Le deuxième type de terre que nous présente la Parabole est certainement le type que constitue la majorité des fidèles qui préparent certes leurs célébrations, qui viennent à la messe non pas par conformisme, mais par conviction. Malheureusement, beaucoup se laissent entrainer par les soucis de ce monde. Tellement angoissés, ils finissent par sombrer dans le désespoir. C’est le cas de ceux-là qui, par manque de foi, permettent à leurs soucis d’avoir raison de leurs espérances et des promesses de la Parole de Dieu. Beaucoup de fidèles viennent à la messe avec pleines d’angoisses. En s’ouvrant à la Parole de Dieu proclamée, ces derniers reçoivent par moment une consolation, une lumière qui les orientent, une force pour mener le combat de leur vie.

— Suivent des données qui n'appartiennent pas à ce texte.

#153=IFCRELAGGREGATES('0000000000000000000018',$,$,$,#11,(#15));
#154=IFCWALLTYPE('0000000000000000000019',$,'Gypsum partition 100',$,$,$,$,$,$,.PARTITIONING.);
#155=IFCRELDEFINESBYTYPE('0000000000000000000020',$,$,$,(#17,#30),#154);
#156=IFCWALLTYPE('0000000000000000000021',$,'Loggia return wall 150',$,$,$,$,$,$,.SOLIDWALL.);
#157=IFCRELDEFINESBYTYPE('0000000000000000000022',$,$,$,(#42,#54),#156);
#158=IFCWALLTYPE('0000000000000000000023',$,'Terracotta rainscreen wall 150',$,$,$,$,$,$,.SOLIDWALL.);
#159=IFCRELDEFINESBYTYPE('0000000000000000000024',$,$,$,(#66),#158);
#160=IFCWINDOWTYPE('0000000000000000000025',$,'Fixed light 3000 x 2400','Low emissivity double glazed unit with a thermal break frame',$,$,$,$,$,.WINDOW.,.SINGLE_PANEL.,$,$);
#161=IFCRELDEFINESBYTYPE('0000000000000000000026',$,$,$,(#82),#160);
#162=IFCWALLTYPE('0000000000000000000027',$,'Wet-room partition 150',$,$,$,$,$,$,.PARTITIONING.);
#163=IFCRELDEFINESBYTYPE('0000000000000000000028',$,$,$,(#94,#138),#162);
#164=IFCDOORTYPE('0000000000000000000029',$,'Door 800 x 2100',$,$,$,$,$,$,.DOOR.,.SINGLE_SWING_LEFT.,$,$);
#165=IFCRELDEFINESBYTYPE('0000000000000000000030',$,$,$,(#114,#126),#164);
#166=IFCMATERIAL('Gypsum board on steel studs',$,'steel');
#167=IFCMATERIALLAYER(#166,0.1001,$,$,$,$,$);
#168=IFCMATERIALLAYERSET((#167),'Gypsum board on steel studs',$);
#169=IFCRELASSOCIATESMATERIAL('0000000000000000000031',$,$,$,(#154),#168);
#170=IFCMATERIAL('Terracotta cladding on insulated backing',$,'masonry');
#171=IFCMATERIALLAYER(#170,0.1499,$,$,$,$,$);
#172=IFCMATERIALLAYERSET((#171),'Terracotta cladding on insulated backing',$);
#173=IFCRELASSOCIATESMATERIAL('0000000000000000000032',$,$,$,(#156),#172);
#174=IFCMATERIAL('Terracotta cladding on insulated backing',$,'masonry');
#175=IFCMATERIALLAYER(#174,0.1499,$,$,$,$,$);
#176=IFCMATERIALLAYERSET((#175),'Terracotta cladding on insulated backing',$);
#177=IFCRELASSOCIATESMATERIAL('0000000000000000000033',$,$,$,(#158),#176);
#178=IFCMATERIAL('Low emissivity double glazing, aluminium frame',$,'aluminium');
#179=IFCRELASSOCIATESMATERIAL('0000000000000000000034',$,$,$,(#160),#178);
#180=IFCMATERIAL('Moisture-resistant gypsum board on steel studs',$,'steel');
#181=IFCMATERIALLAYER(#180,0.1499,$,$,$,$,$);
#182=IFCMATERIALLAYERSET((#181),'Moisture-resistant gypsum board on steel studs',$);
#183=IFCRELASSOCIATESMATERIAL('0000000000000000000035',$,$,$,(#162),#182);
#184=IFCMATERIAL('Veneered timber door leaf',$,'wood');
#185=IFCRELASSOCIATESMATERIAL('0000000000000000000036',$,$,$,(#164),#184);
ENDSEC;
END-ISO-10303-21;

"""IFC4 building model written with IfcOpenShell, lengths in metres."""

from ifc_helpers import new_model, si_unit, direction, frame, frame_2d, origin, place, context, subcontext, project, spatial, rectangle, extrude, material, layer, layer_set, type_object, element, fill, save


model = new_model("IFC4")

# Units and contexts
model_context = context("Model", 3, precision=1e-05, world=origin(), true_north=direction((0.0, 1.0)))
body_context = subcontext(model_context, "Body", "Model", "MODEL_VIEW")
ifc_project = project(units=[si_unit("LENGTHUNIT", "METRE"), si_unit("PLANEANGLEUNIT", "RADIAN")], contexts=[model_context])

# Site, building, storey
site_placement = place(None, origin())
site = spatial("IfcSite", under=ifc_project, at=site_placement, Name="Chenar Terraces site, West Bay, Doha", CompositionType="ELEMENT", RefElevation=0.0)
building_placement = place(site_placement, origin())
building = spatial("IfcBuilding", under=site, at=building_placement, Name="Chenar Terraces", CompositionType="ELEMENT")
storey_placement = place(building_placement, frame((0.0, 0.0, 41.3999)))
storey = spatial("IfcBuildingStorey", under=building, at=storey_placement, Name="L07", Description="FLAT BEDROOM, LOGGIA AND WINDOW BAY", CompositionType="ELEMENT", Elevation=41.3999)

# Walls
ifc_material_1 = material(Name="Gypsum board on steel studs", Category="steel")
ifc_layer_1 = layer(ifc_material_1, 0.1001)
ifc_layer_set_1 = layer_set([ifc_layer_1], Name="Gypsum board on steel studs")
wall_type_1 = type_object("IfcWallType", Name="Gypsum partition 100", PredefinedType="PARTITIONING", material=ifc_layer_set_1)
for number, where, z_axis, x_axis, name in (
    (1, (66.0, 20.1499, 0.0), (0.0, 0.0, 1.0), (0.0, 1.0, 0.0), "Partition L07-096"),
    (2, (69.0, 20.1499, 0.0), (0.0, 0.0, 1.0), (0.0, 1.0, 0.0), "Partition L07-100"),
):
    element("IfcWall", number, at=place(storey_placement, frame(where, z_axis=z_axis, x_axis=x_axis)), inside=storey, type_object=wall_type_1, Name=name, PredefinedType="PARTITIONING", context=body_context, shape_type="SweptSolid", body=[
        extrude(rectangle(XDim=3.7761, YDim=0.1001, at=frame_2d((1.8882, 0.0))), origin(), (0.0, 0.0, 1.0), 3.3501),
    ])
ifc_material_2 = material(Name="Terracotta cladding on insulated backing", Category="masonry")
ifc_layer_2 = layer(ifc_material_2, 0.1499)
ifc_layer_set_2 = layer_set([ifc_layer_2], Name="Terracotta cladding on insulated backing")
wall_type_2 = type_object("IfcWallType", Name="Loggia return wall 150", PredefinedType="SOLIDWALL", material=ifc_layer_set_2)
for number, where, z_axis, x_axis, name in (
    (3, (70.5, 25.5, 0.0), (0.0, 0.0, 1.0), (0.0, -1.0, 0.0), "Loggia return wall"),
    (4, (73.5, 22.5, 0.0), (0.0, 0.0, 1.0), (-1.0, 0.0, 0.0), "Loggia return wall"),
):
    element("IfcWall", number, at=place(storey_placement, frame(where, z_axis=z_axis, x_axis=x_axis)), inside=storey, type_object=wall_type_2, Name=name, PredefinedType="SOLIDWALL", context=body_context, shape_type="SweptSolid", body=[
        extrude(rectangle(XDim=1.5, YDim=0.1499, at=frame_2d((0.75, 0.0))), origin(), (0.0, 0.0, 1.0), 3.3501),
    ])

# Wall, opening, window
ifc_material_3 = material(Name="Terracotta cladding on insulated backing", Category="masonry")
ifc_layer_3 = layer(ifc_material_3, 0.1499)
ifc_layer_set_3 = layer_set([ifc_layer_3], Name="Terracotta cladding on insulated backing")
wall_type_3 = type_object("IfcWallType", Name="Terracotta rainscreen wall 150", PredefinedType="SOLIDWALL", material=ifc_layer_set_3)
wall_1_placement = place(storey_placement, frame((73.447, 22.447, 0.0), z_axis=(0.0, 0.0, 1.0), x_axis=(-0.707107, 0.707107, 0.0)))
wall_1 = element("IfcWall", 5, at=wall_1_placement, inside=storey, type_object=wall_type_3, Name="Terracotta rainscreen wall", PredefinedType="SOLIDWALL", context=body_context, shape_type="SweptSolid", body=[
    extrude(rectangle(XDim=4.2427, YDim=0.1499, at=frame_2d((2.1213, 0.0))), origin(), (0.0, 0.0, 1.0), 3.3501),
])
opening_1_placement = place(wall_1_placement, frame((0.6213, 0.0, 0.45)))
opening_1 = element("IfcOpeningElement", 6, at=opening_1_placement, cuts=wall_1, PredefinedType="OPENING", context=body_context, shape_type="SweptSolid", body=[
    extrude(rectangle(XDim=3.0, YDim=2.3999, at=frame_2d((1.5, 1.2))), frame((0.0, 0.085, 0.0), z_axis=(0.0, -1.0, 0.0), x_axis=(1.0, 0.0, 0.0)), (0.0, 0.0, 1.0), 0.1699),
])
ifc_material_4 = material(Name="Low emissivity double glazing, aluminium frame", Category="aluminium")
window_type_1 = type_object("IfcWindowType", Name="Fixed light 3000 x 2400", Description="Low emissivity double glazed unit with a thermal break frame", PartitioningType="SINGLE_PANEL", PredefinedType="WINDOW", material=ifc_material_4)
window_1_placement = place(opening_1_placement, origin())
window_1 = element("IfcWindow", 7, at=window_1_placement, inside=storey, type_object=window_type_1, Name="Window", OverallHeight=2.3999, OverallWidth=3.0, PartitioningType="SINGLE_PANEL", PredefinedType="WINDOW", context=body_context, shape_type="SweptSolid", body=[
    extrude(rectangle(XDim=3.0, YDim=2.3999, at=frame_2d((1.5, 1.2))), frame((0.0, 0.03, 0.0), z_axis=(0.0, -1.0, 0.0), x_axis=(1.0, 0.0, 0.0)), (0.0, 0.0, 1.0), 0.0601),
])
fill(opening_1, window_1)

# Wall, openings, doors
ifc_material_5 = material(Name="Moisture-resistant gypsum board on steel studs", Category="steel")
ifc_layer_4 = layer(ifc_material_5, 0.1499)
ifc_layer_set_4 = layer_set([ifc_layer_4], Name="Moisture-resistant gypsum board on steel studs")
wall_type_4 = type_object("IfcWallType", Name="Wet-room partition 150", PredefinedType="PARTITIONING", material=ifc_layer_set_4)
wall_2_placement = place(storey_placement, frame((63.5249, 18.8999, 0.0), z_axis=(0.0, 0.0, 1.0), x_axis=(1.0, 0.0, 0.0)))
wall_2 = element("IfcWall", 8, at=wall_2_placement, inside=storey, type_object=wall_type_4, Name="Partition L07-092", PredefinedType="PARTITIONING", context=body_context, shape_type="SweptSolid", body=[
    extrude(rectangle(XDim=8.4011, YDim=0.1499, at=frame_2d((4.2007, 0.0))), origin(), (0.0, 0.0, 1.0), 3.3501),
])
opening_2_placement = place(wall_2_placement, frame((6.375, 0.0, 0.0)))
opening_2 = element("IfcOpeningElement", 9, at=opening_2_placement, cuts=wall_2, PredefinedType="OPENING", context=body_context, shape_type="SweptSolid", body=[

Le troisième type de terre que nous devons tous chercher à devenir, est cette partie de terre réceptive et fertile qui reçois la parole de Dieu et la fait fructifier. Cherchons à devenir ces types de fidèles qui tirent toujours quelque chose de nouveau à la Parole de Dieu qu’ils entendent chaque jour. Ce sont ces chrétiens qui ressortent toujours transfigurés de chaque Eucharistie et qui impactent positivement leurs milieux de vie et de travail, de l’esprit de l’Évangile qu’ils reçoivent à chaque messe. C’est ceux-là qui produisent en eux et au tour d’eux, beaucoup de fruits de paix, de joie et d’amour. Que Dieu nous donne d’être de ces types de fidèles qui sèment la joie de l’Evangile partout où ils passent. Amen !

Par Père Lazare GBENONGBE
Vicaire à la Paroisse Notre Dame de Toute Grace de Yacoli.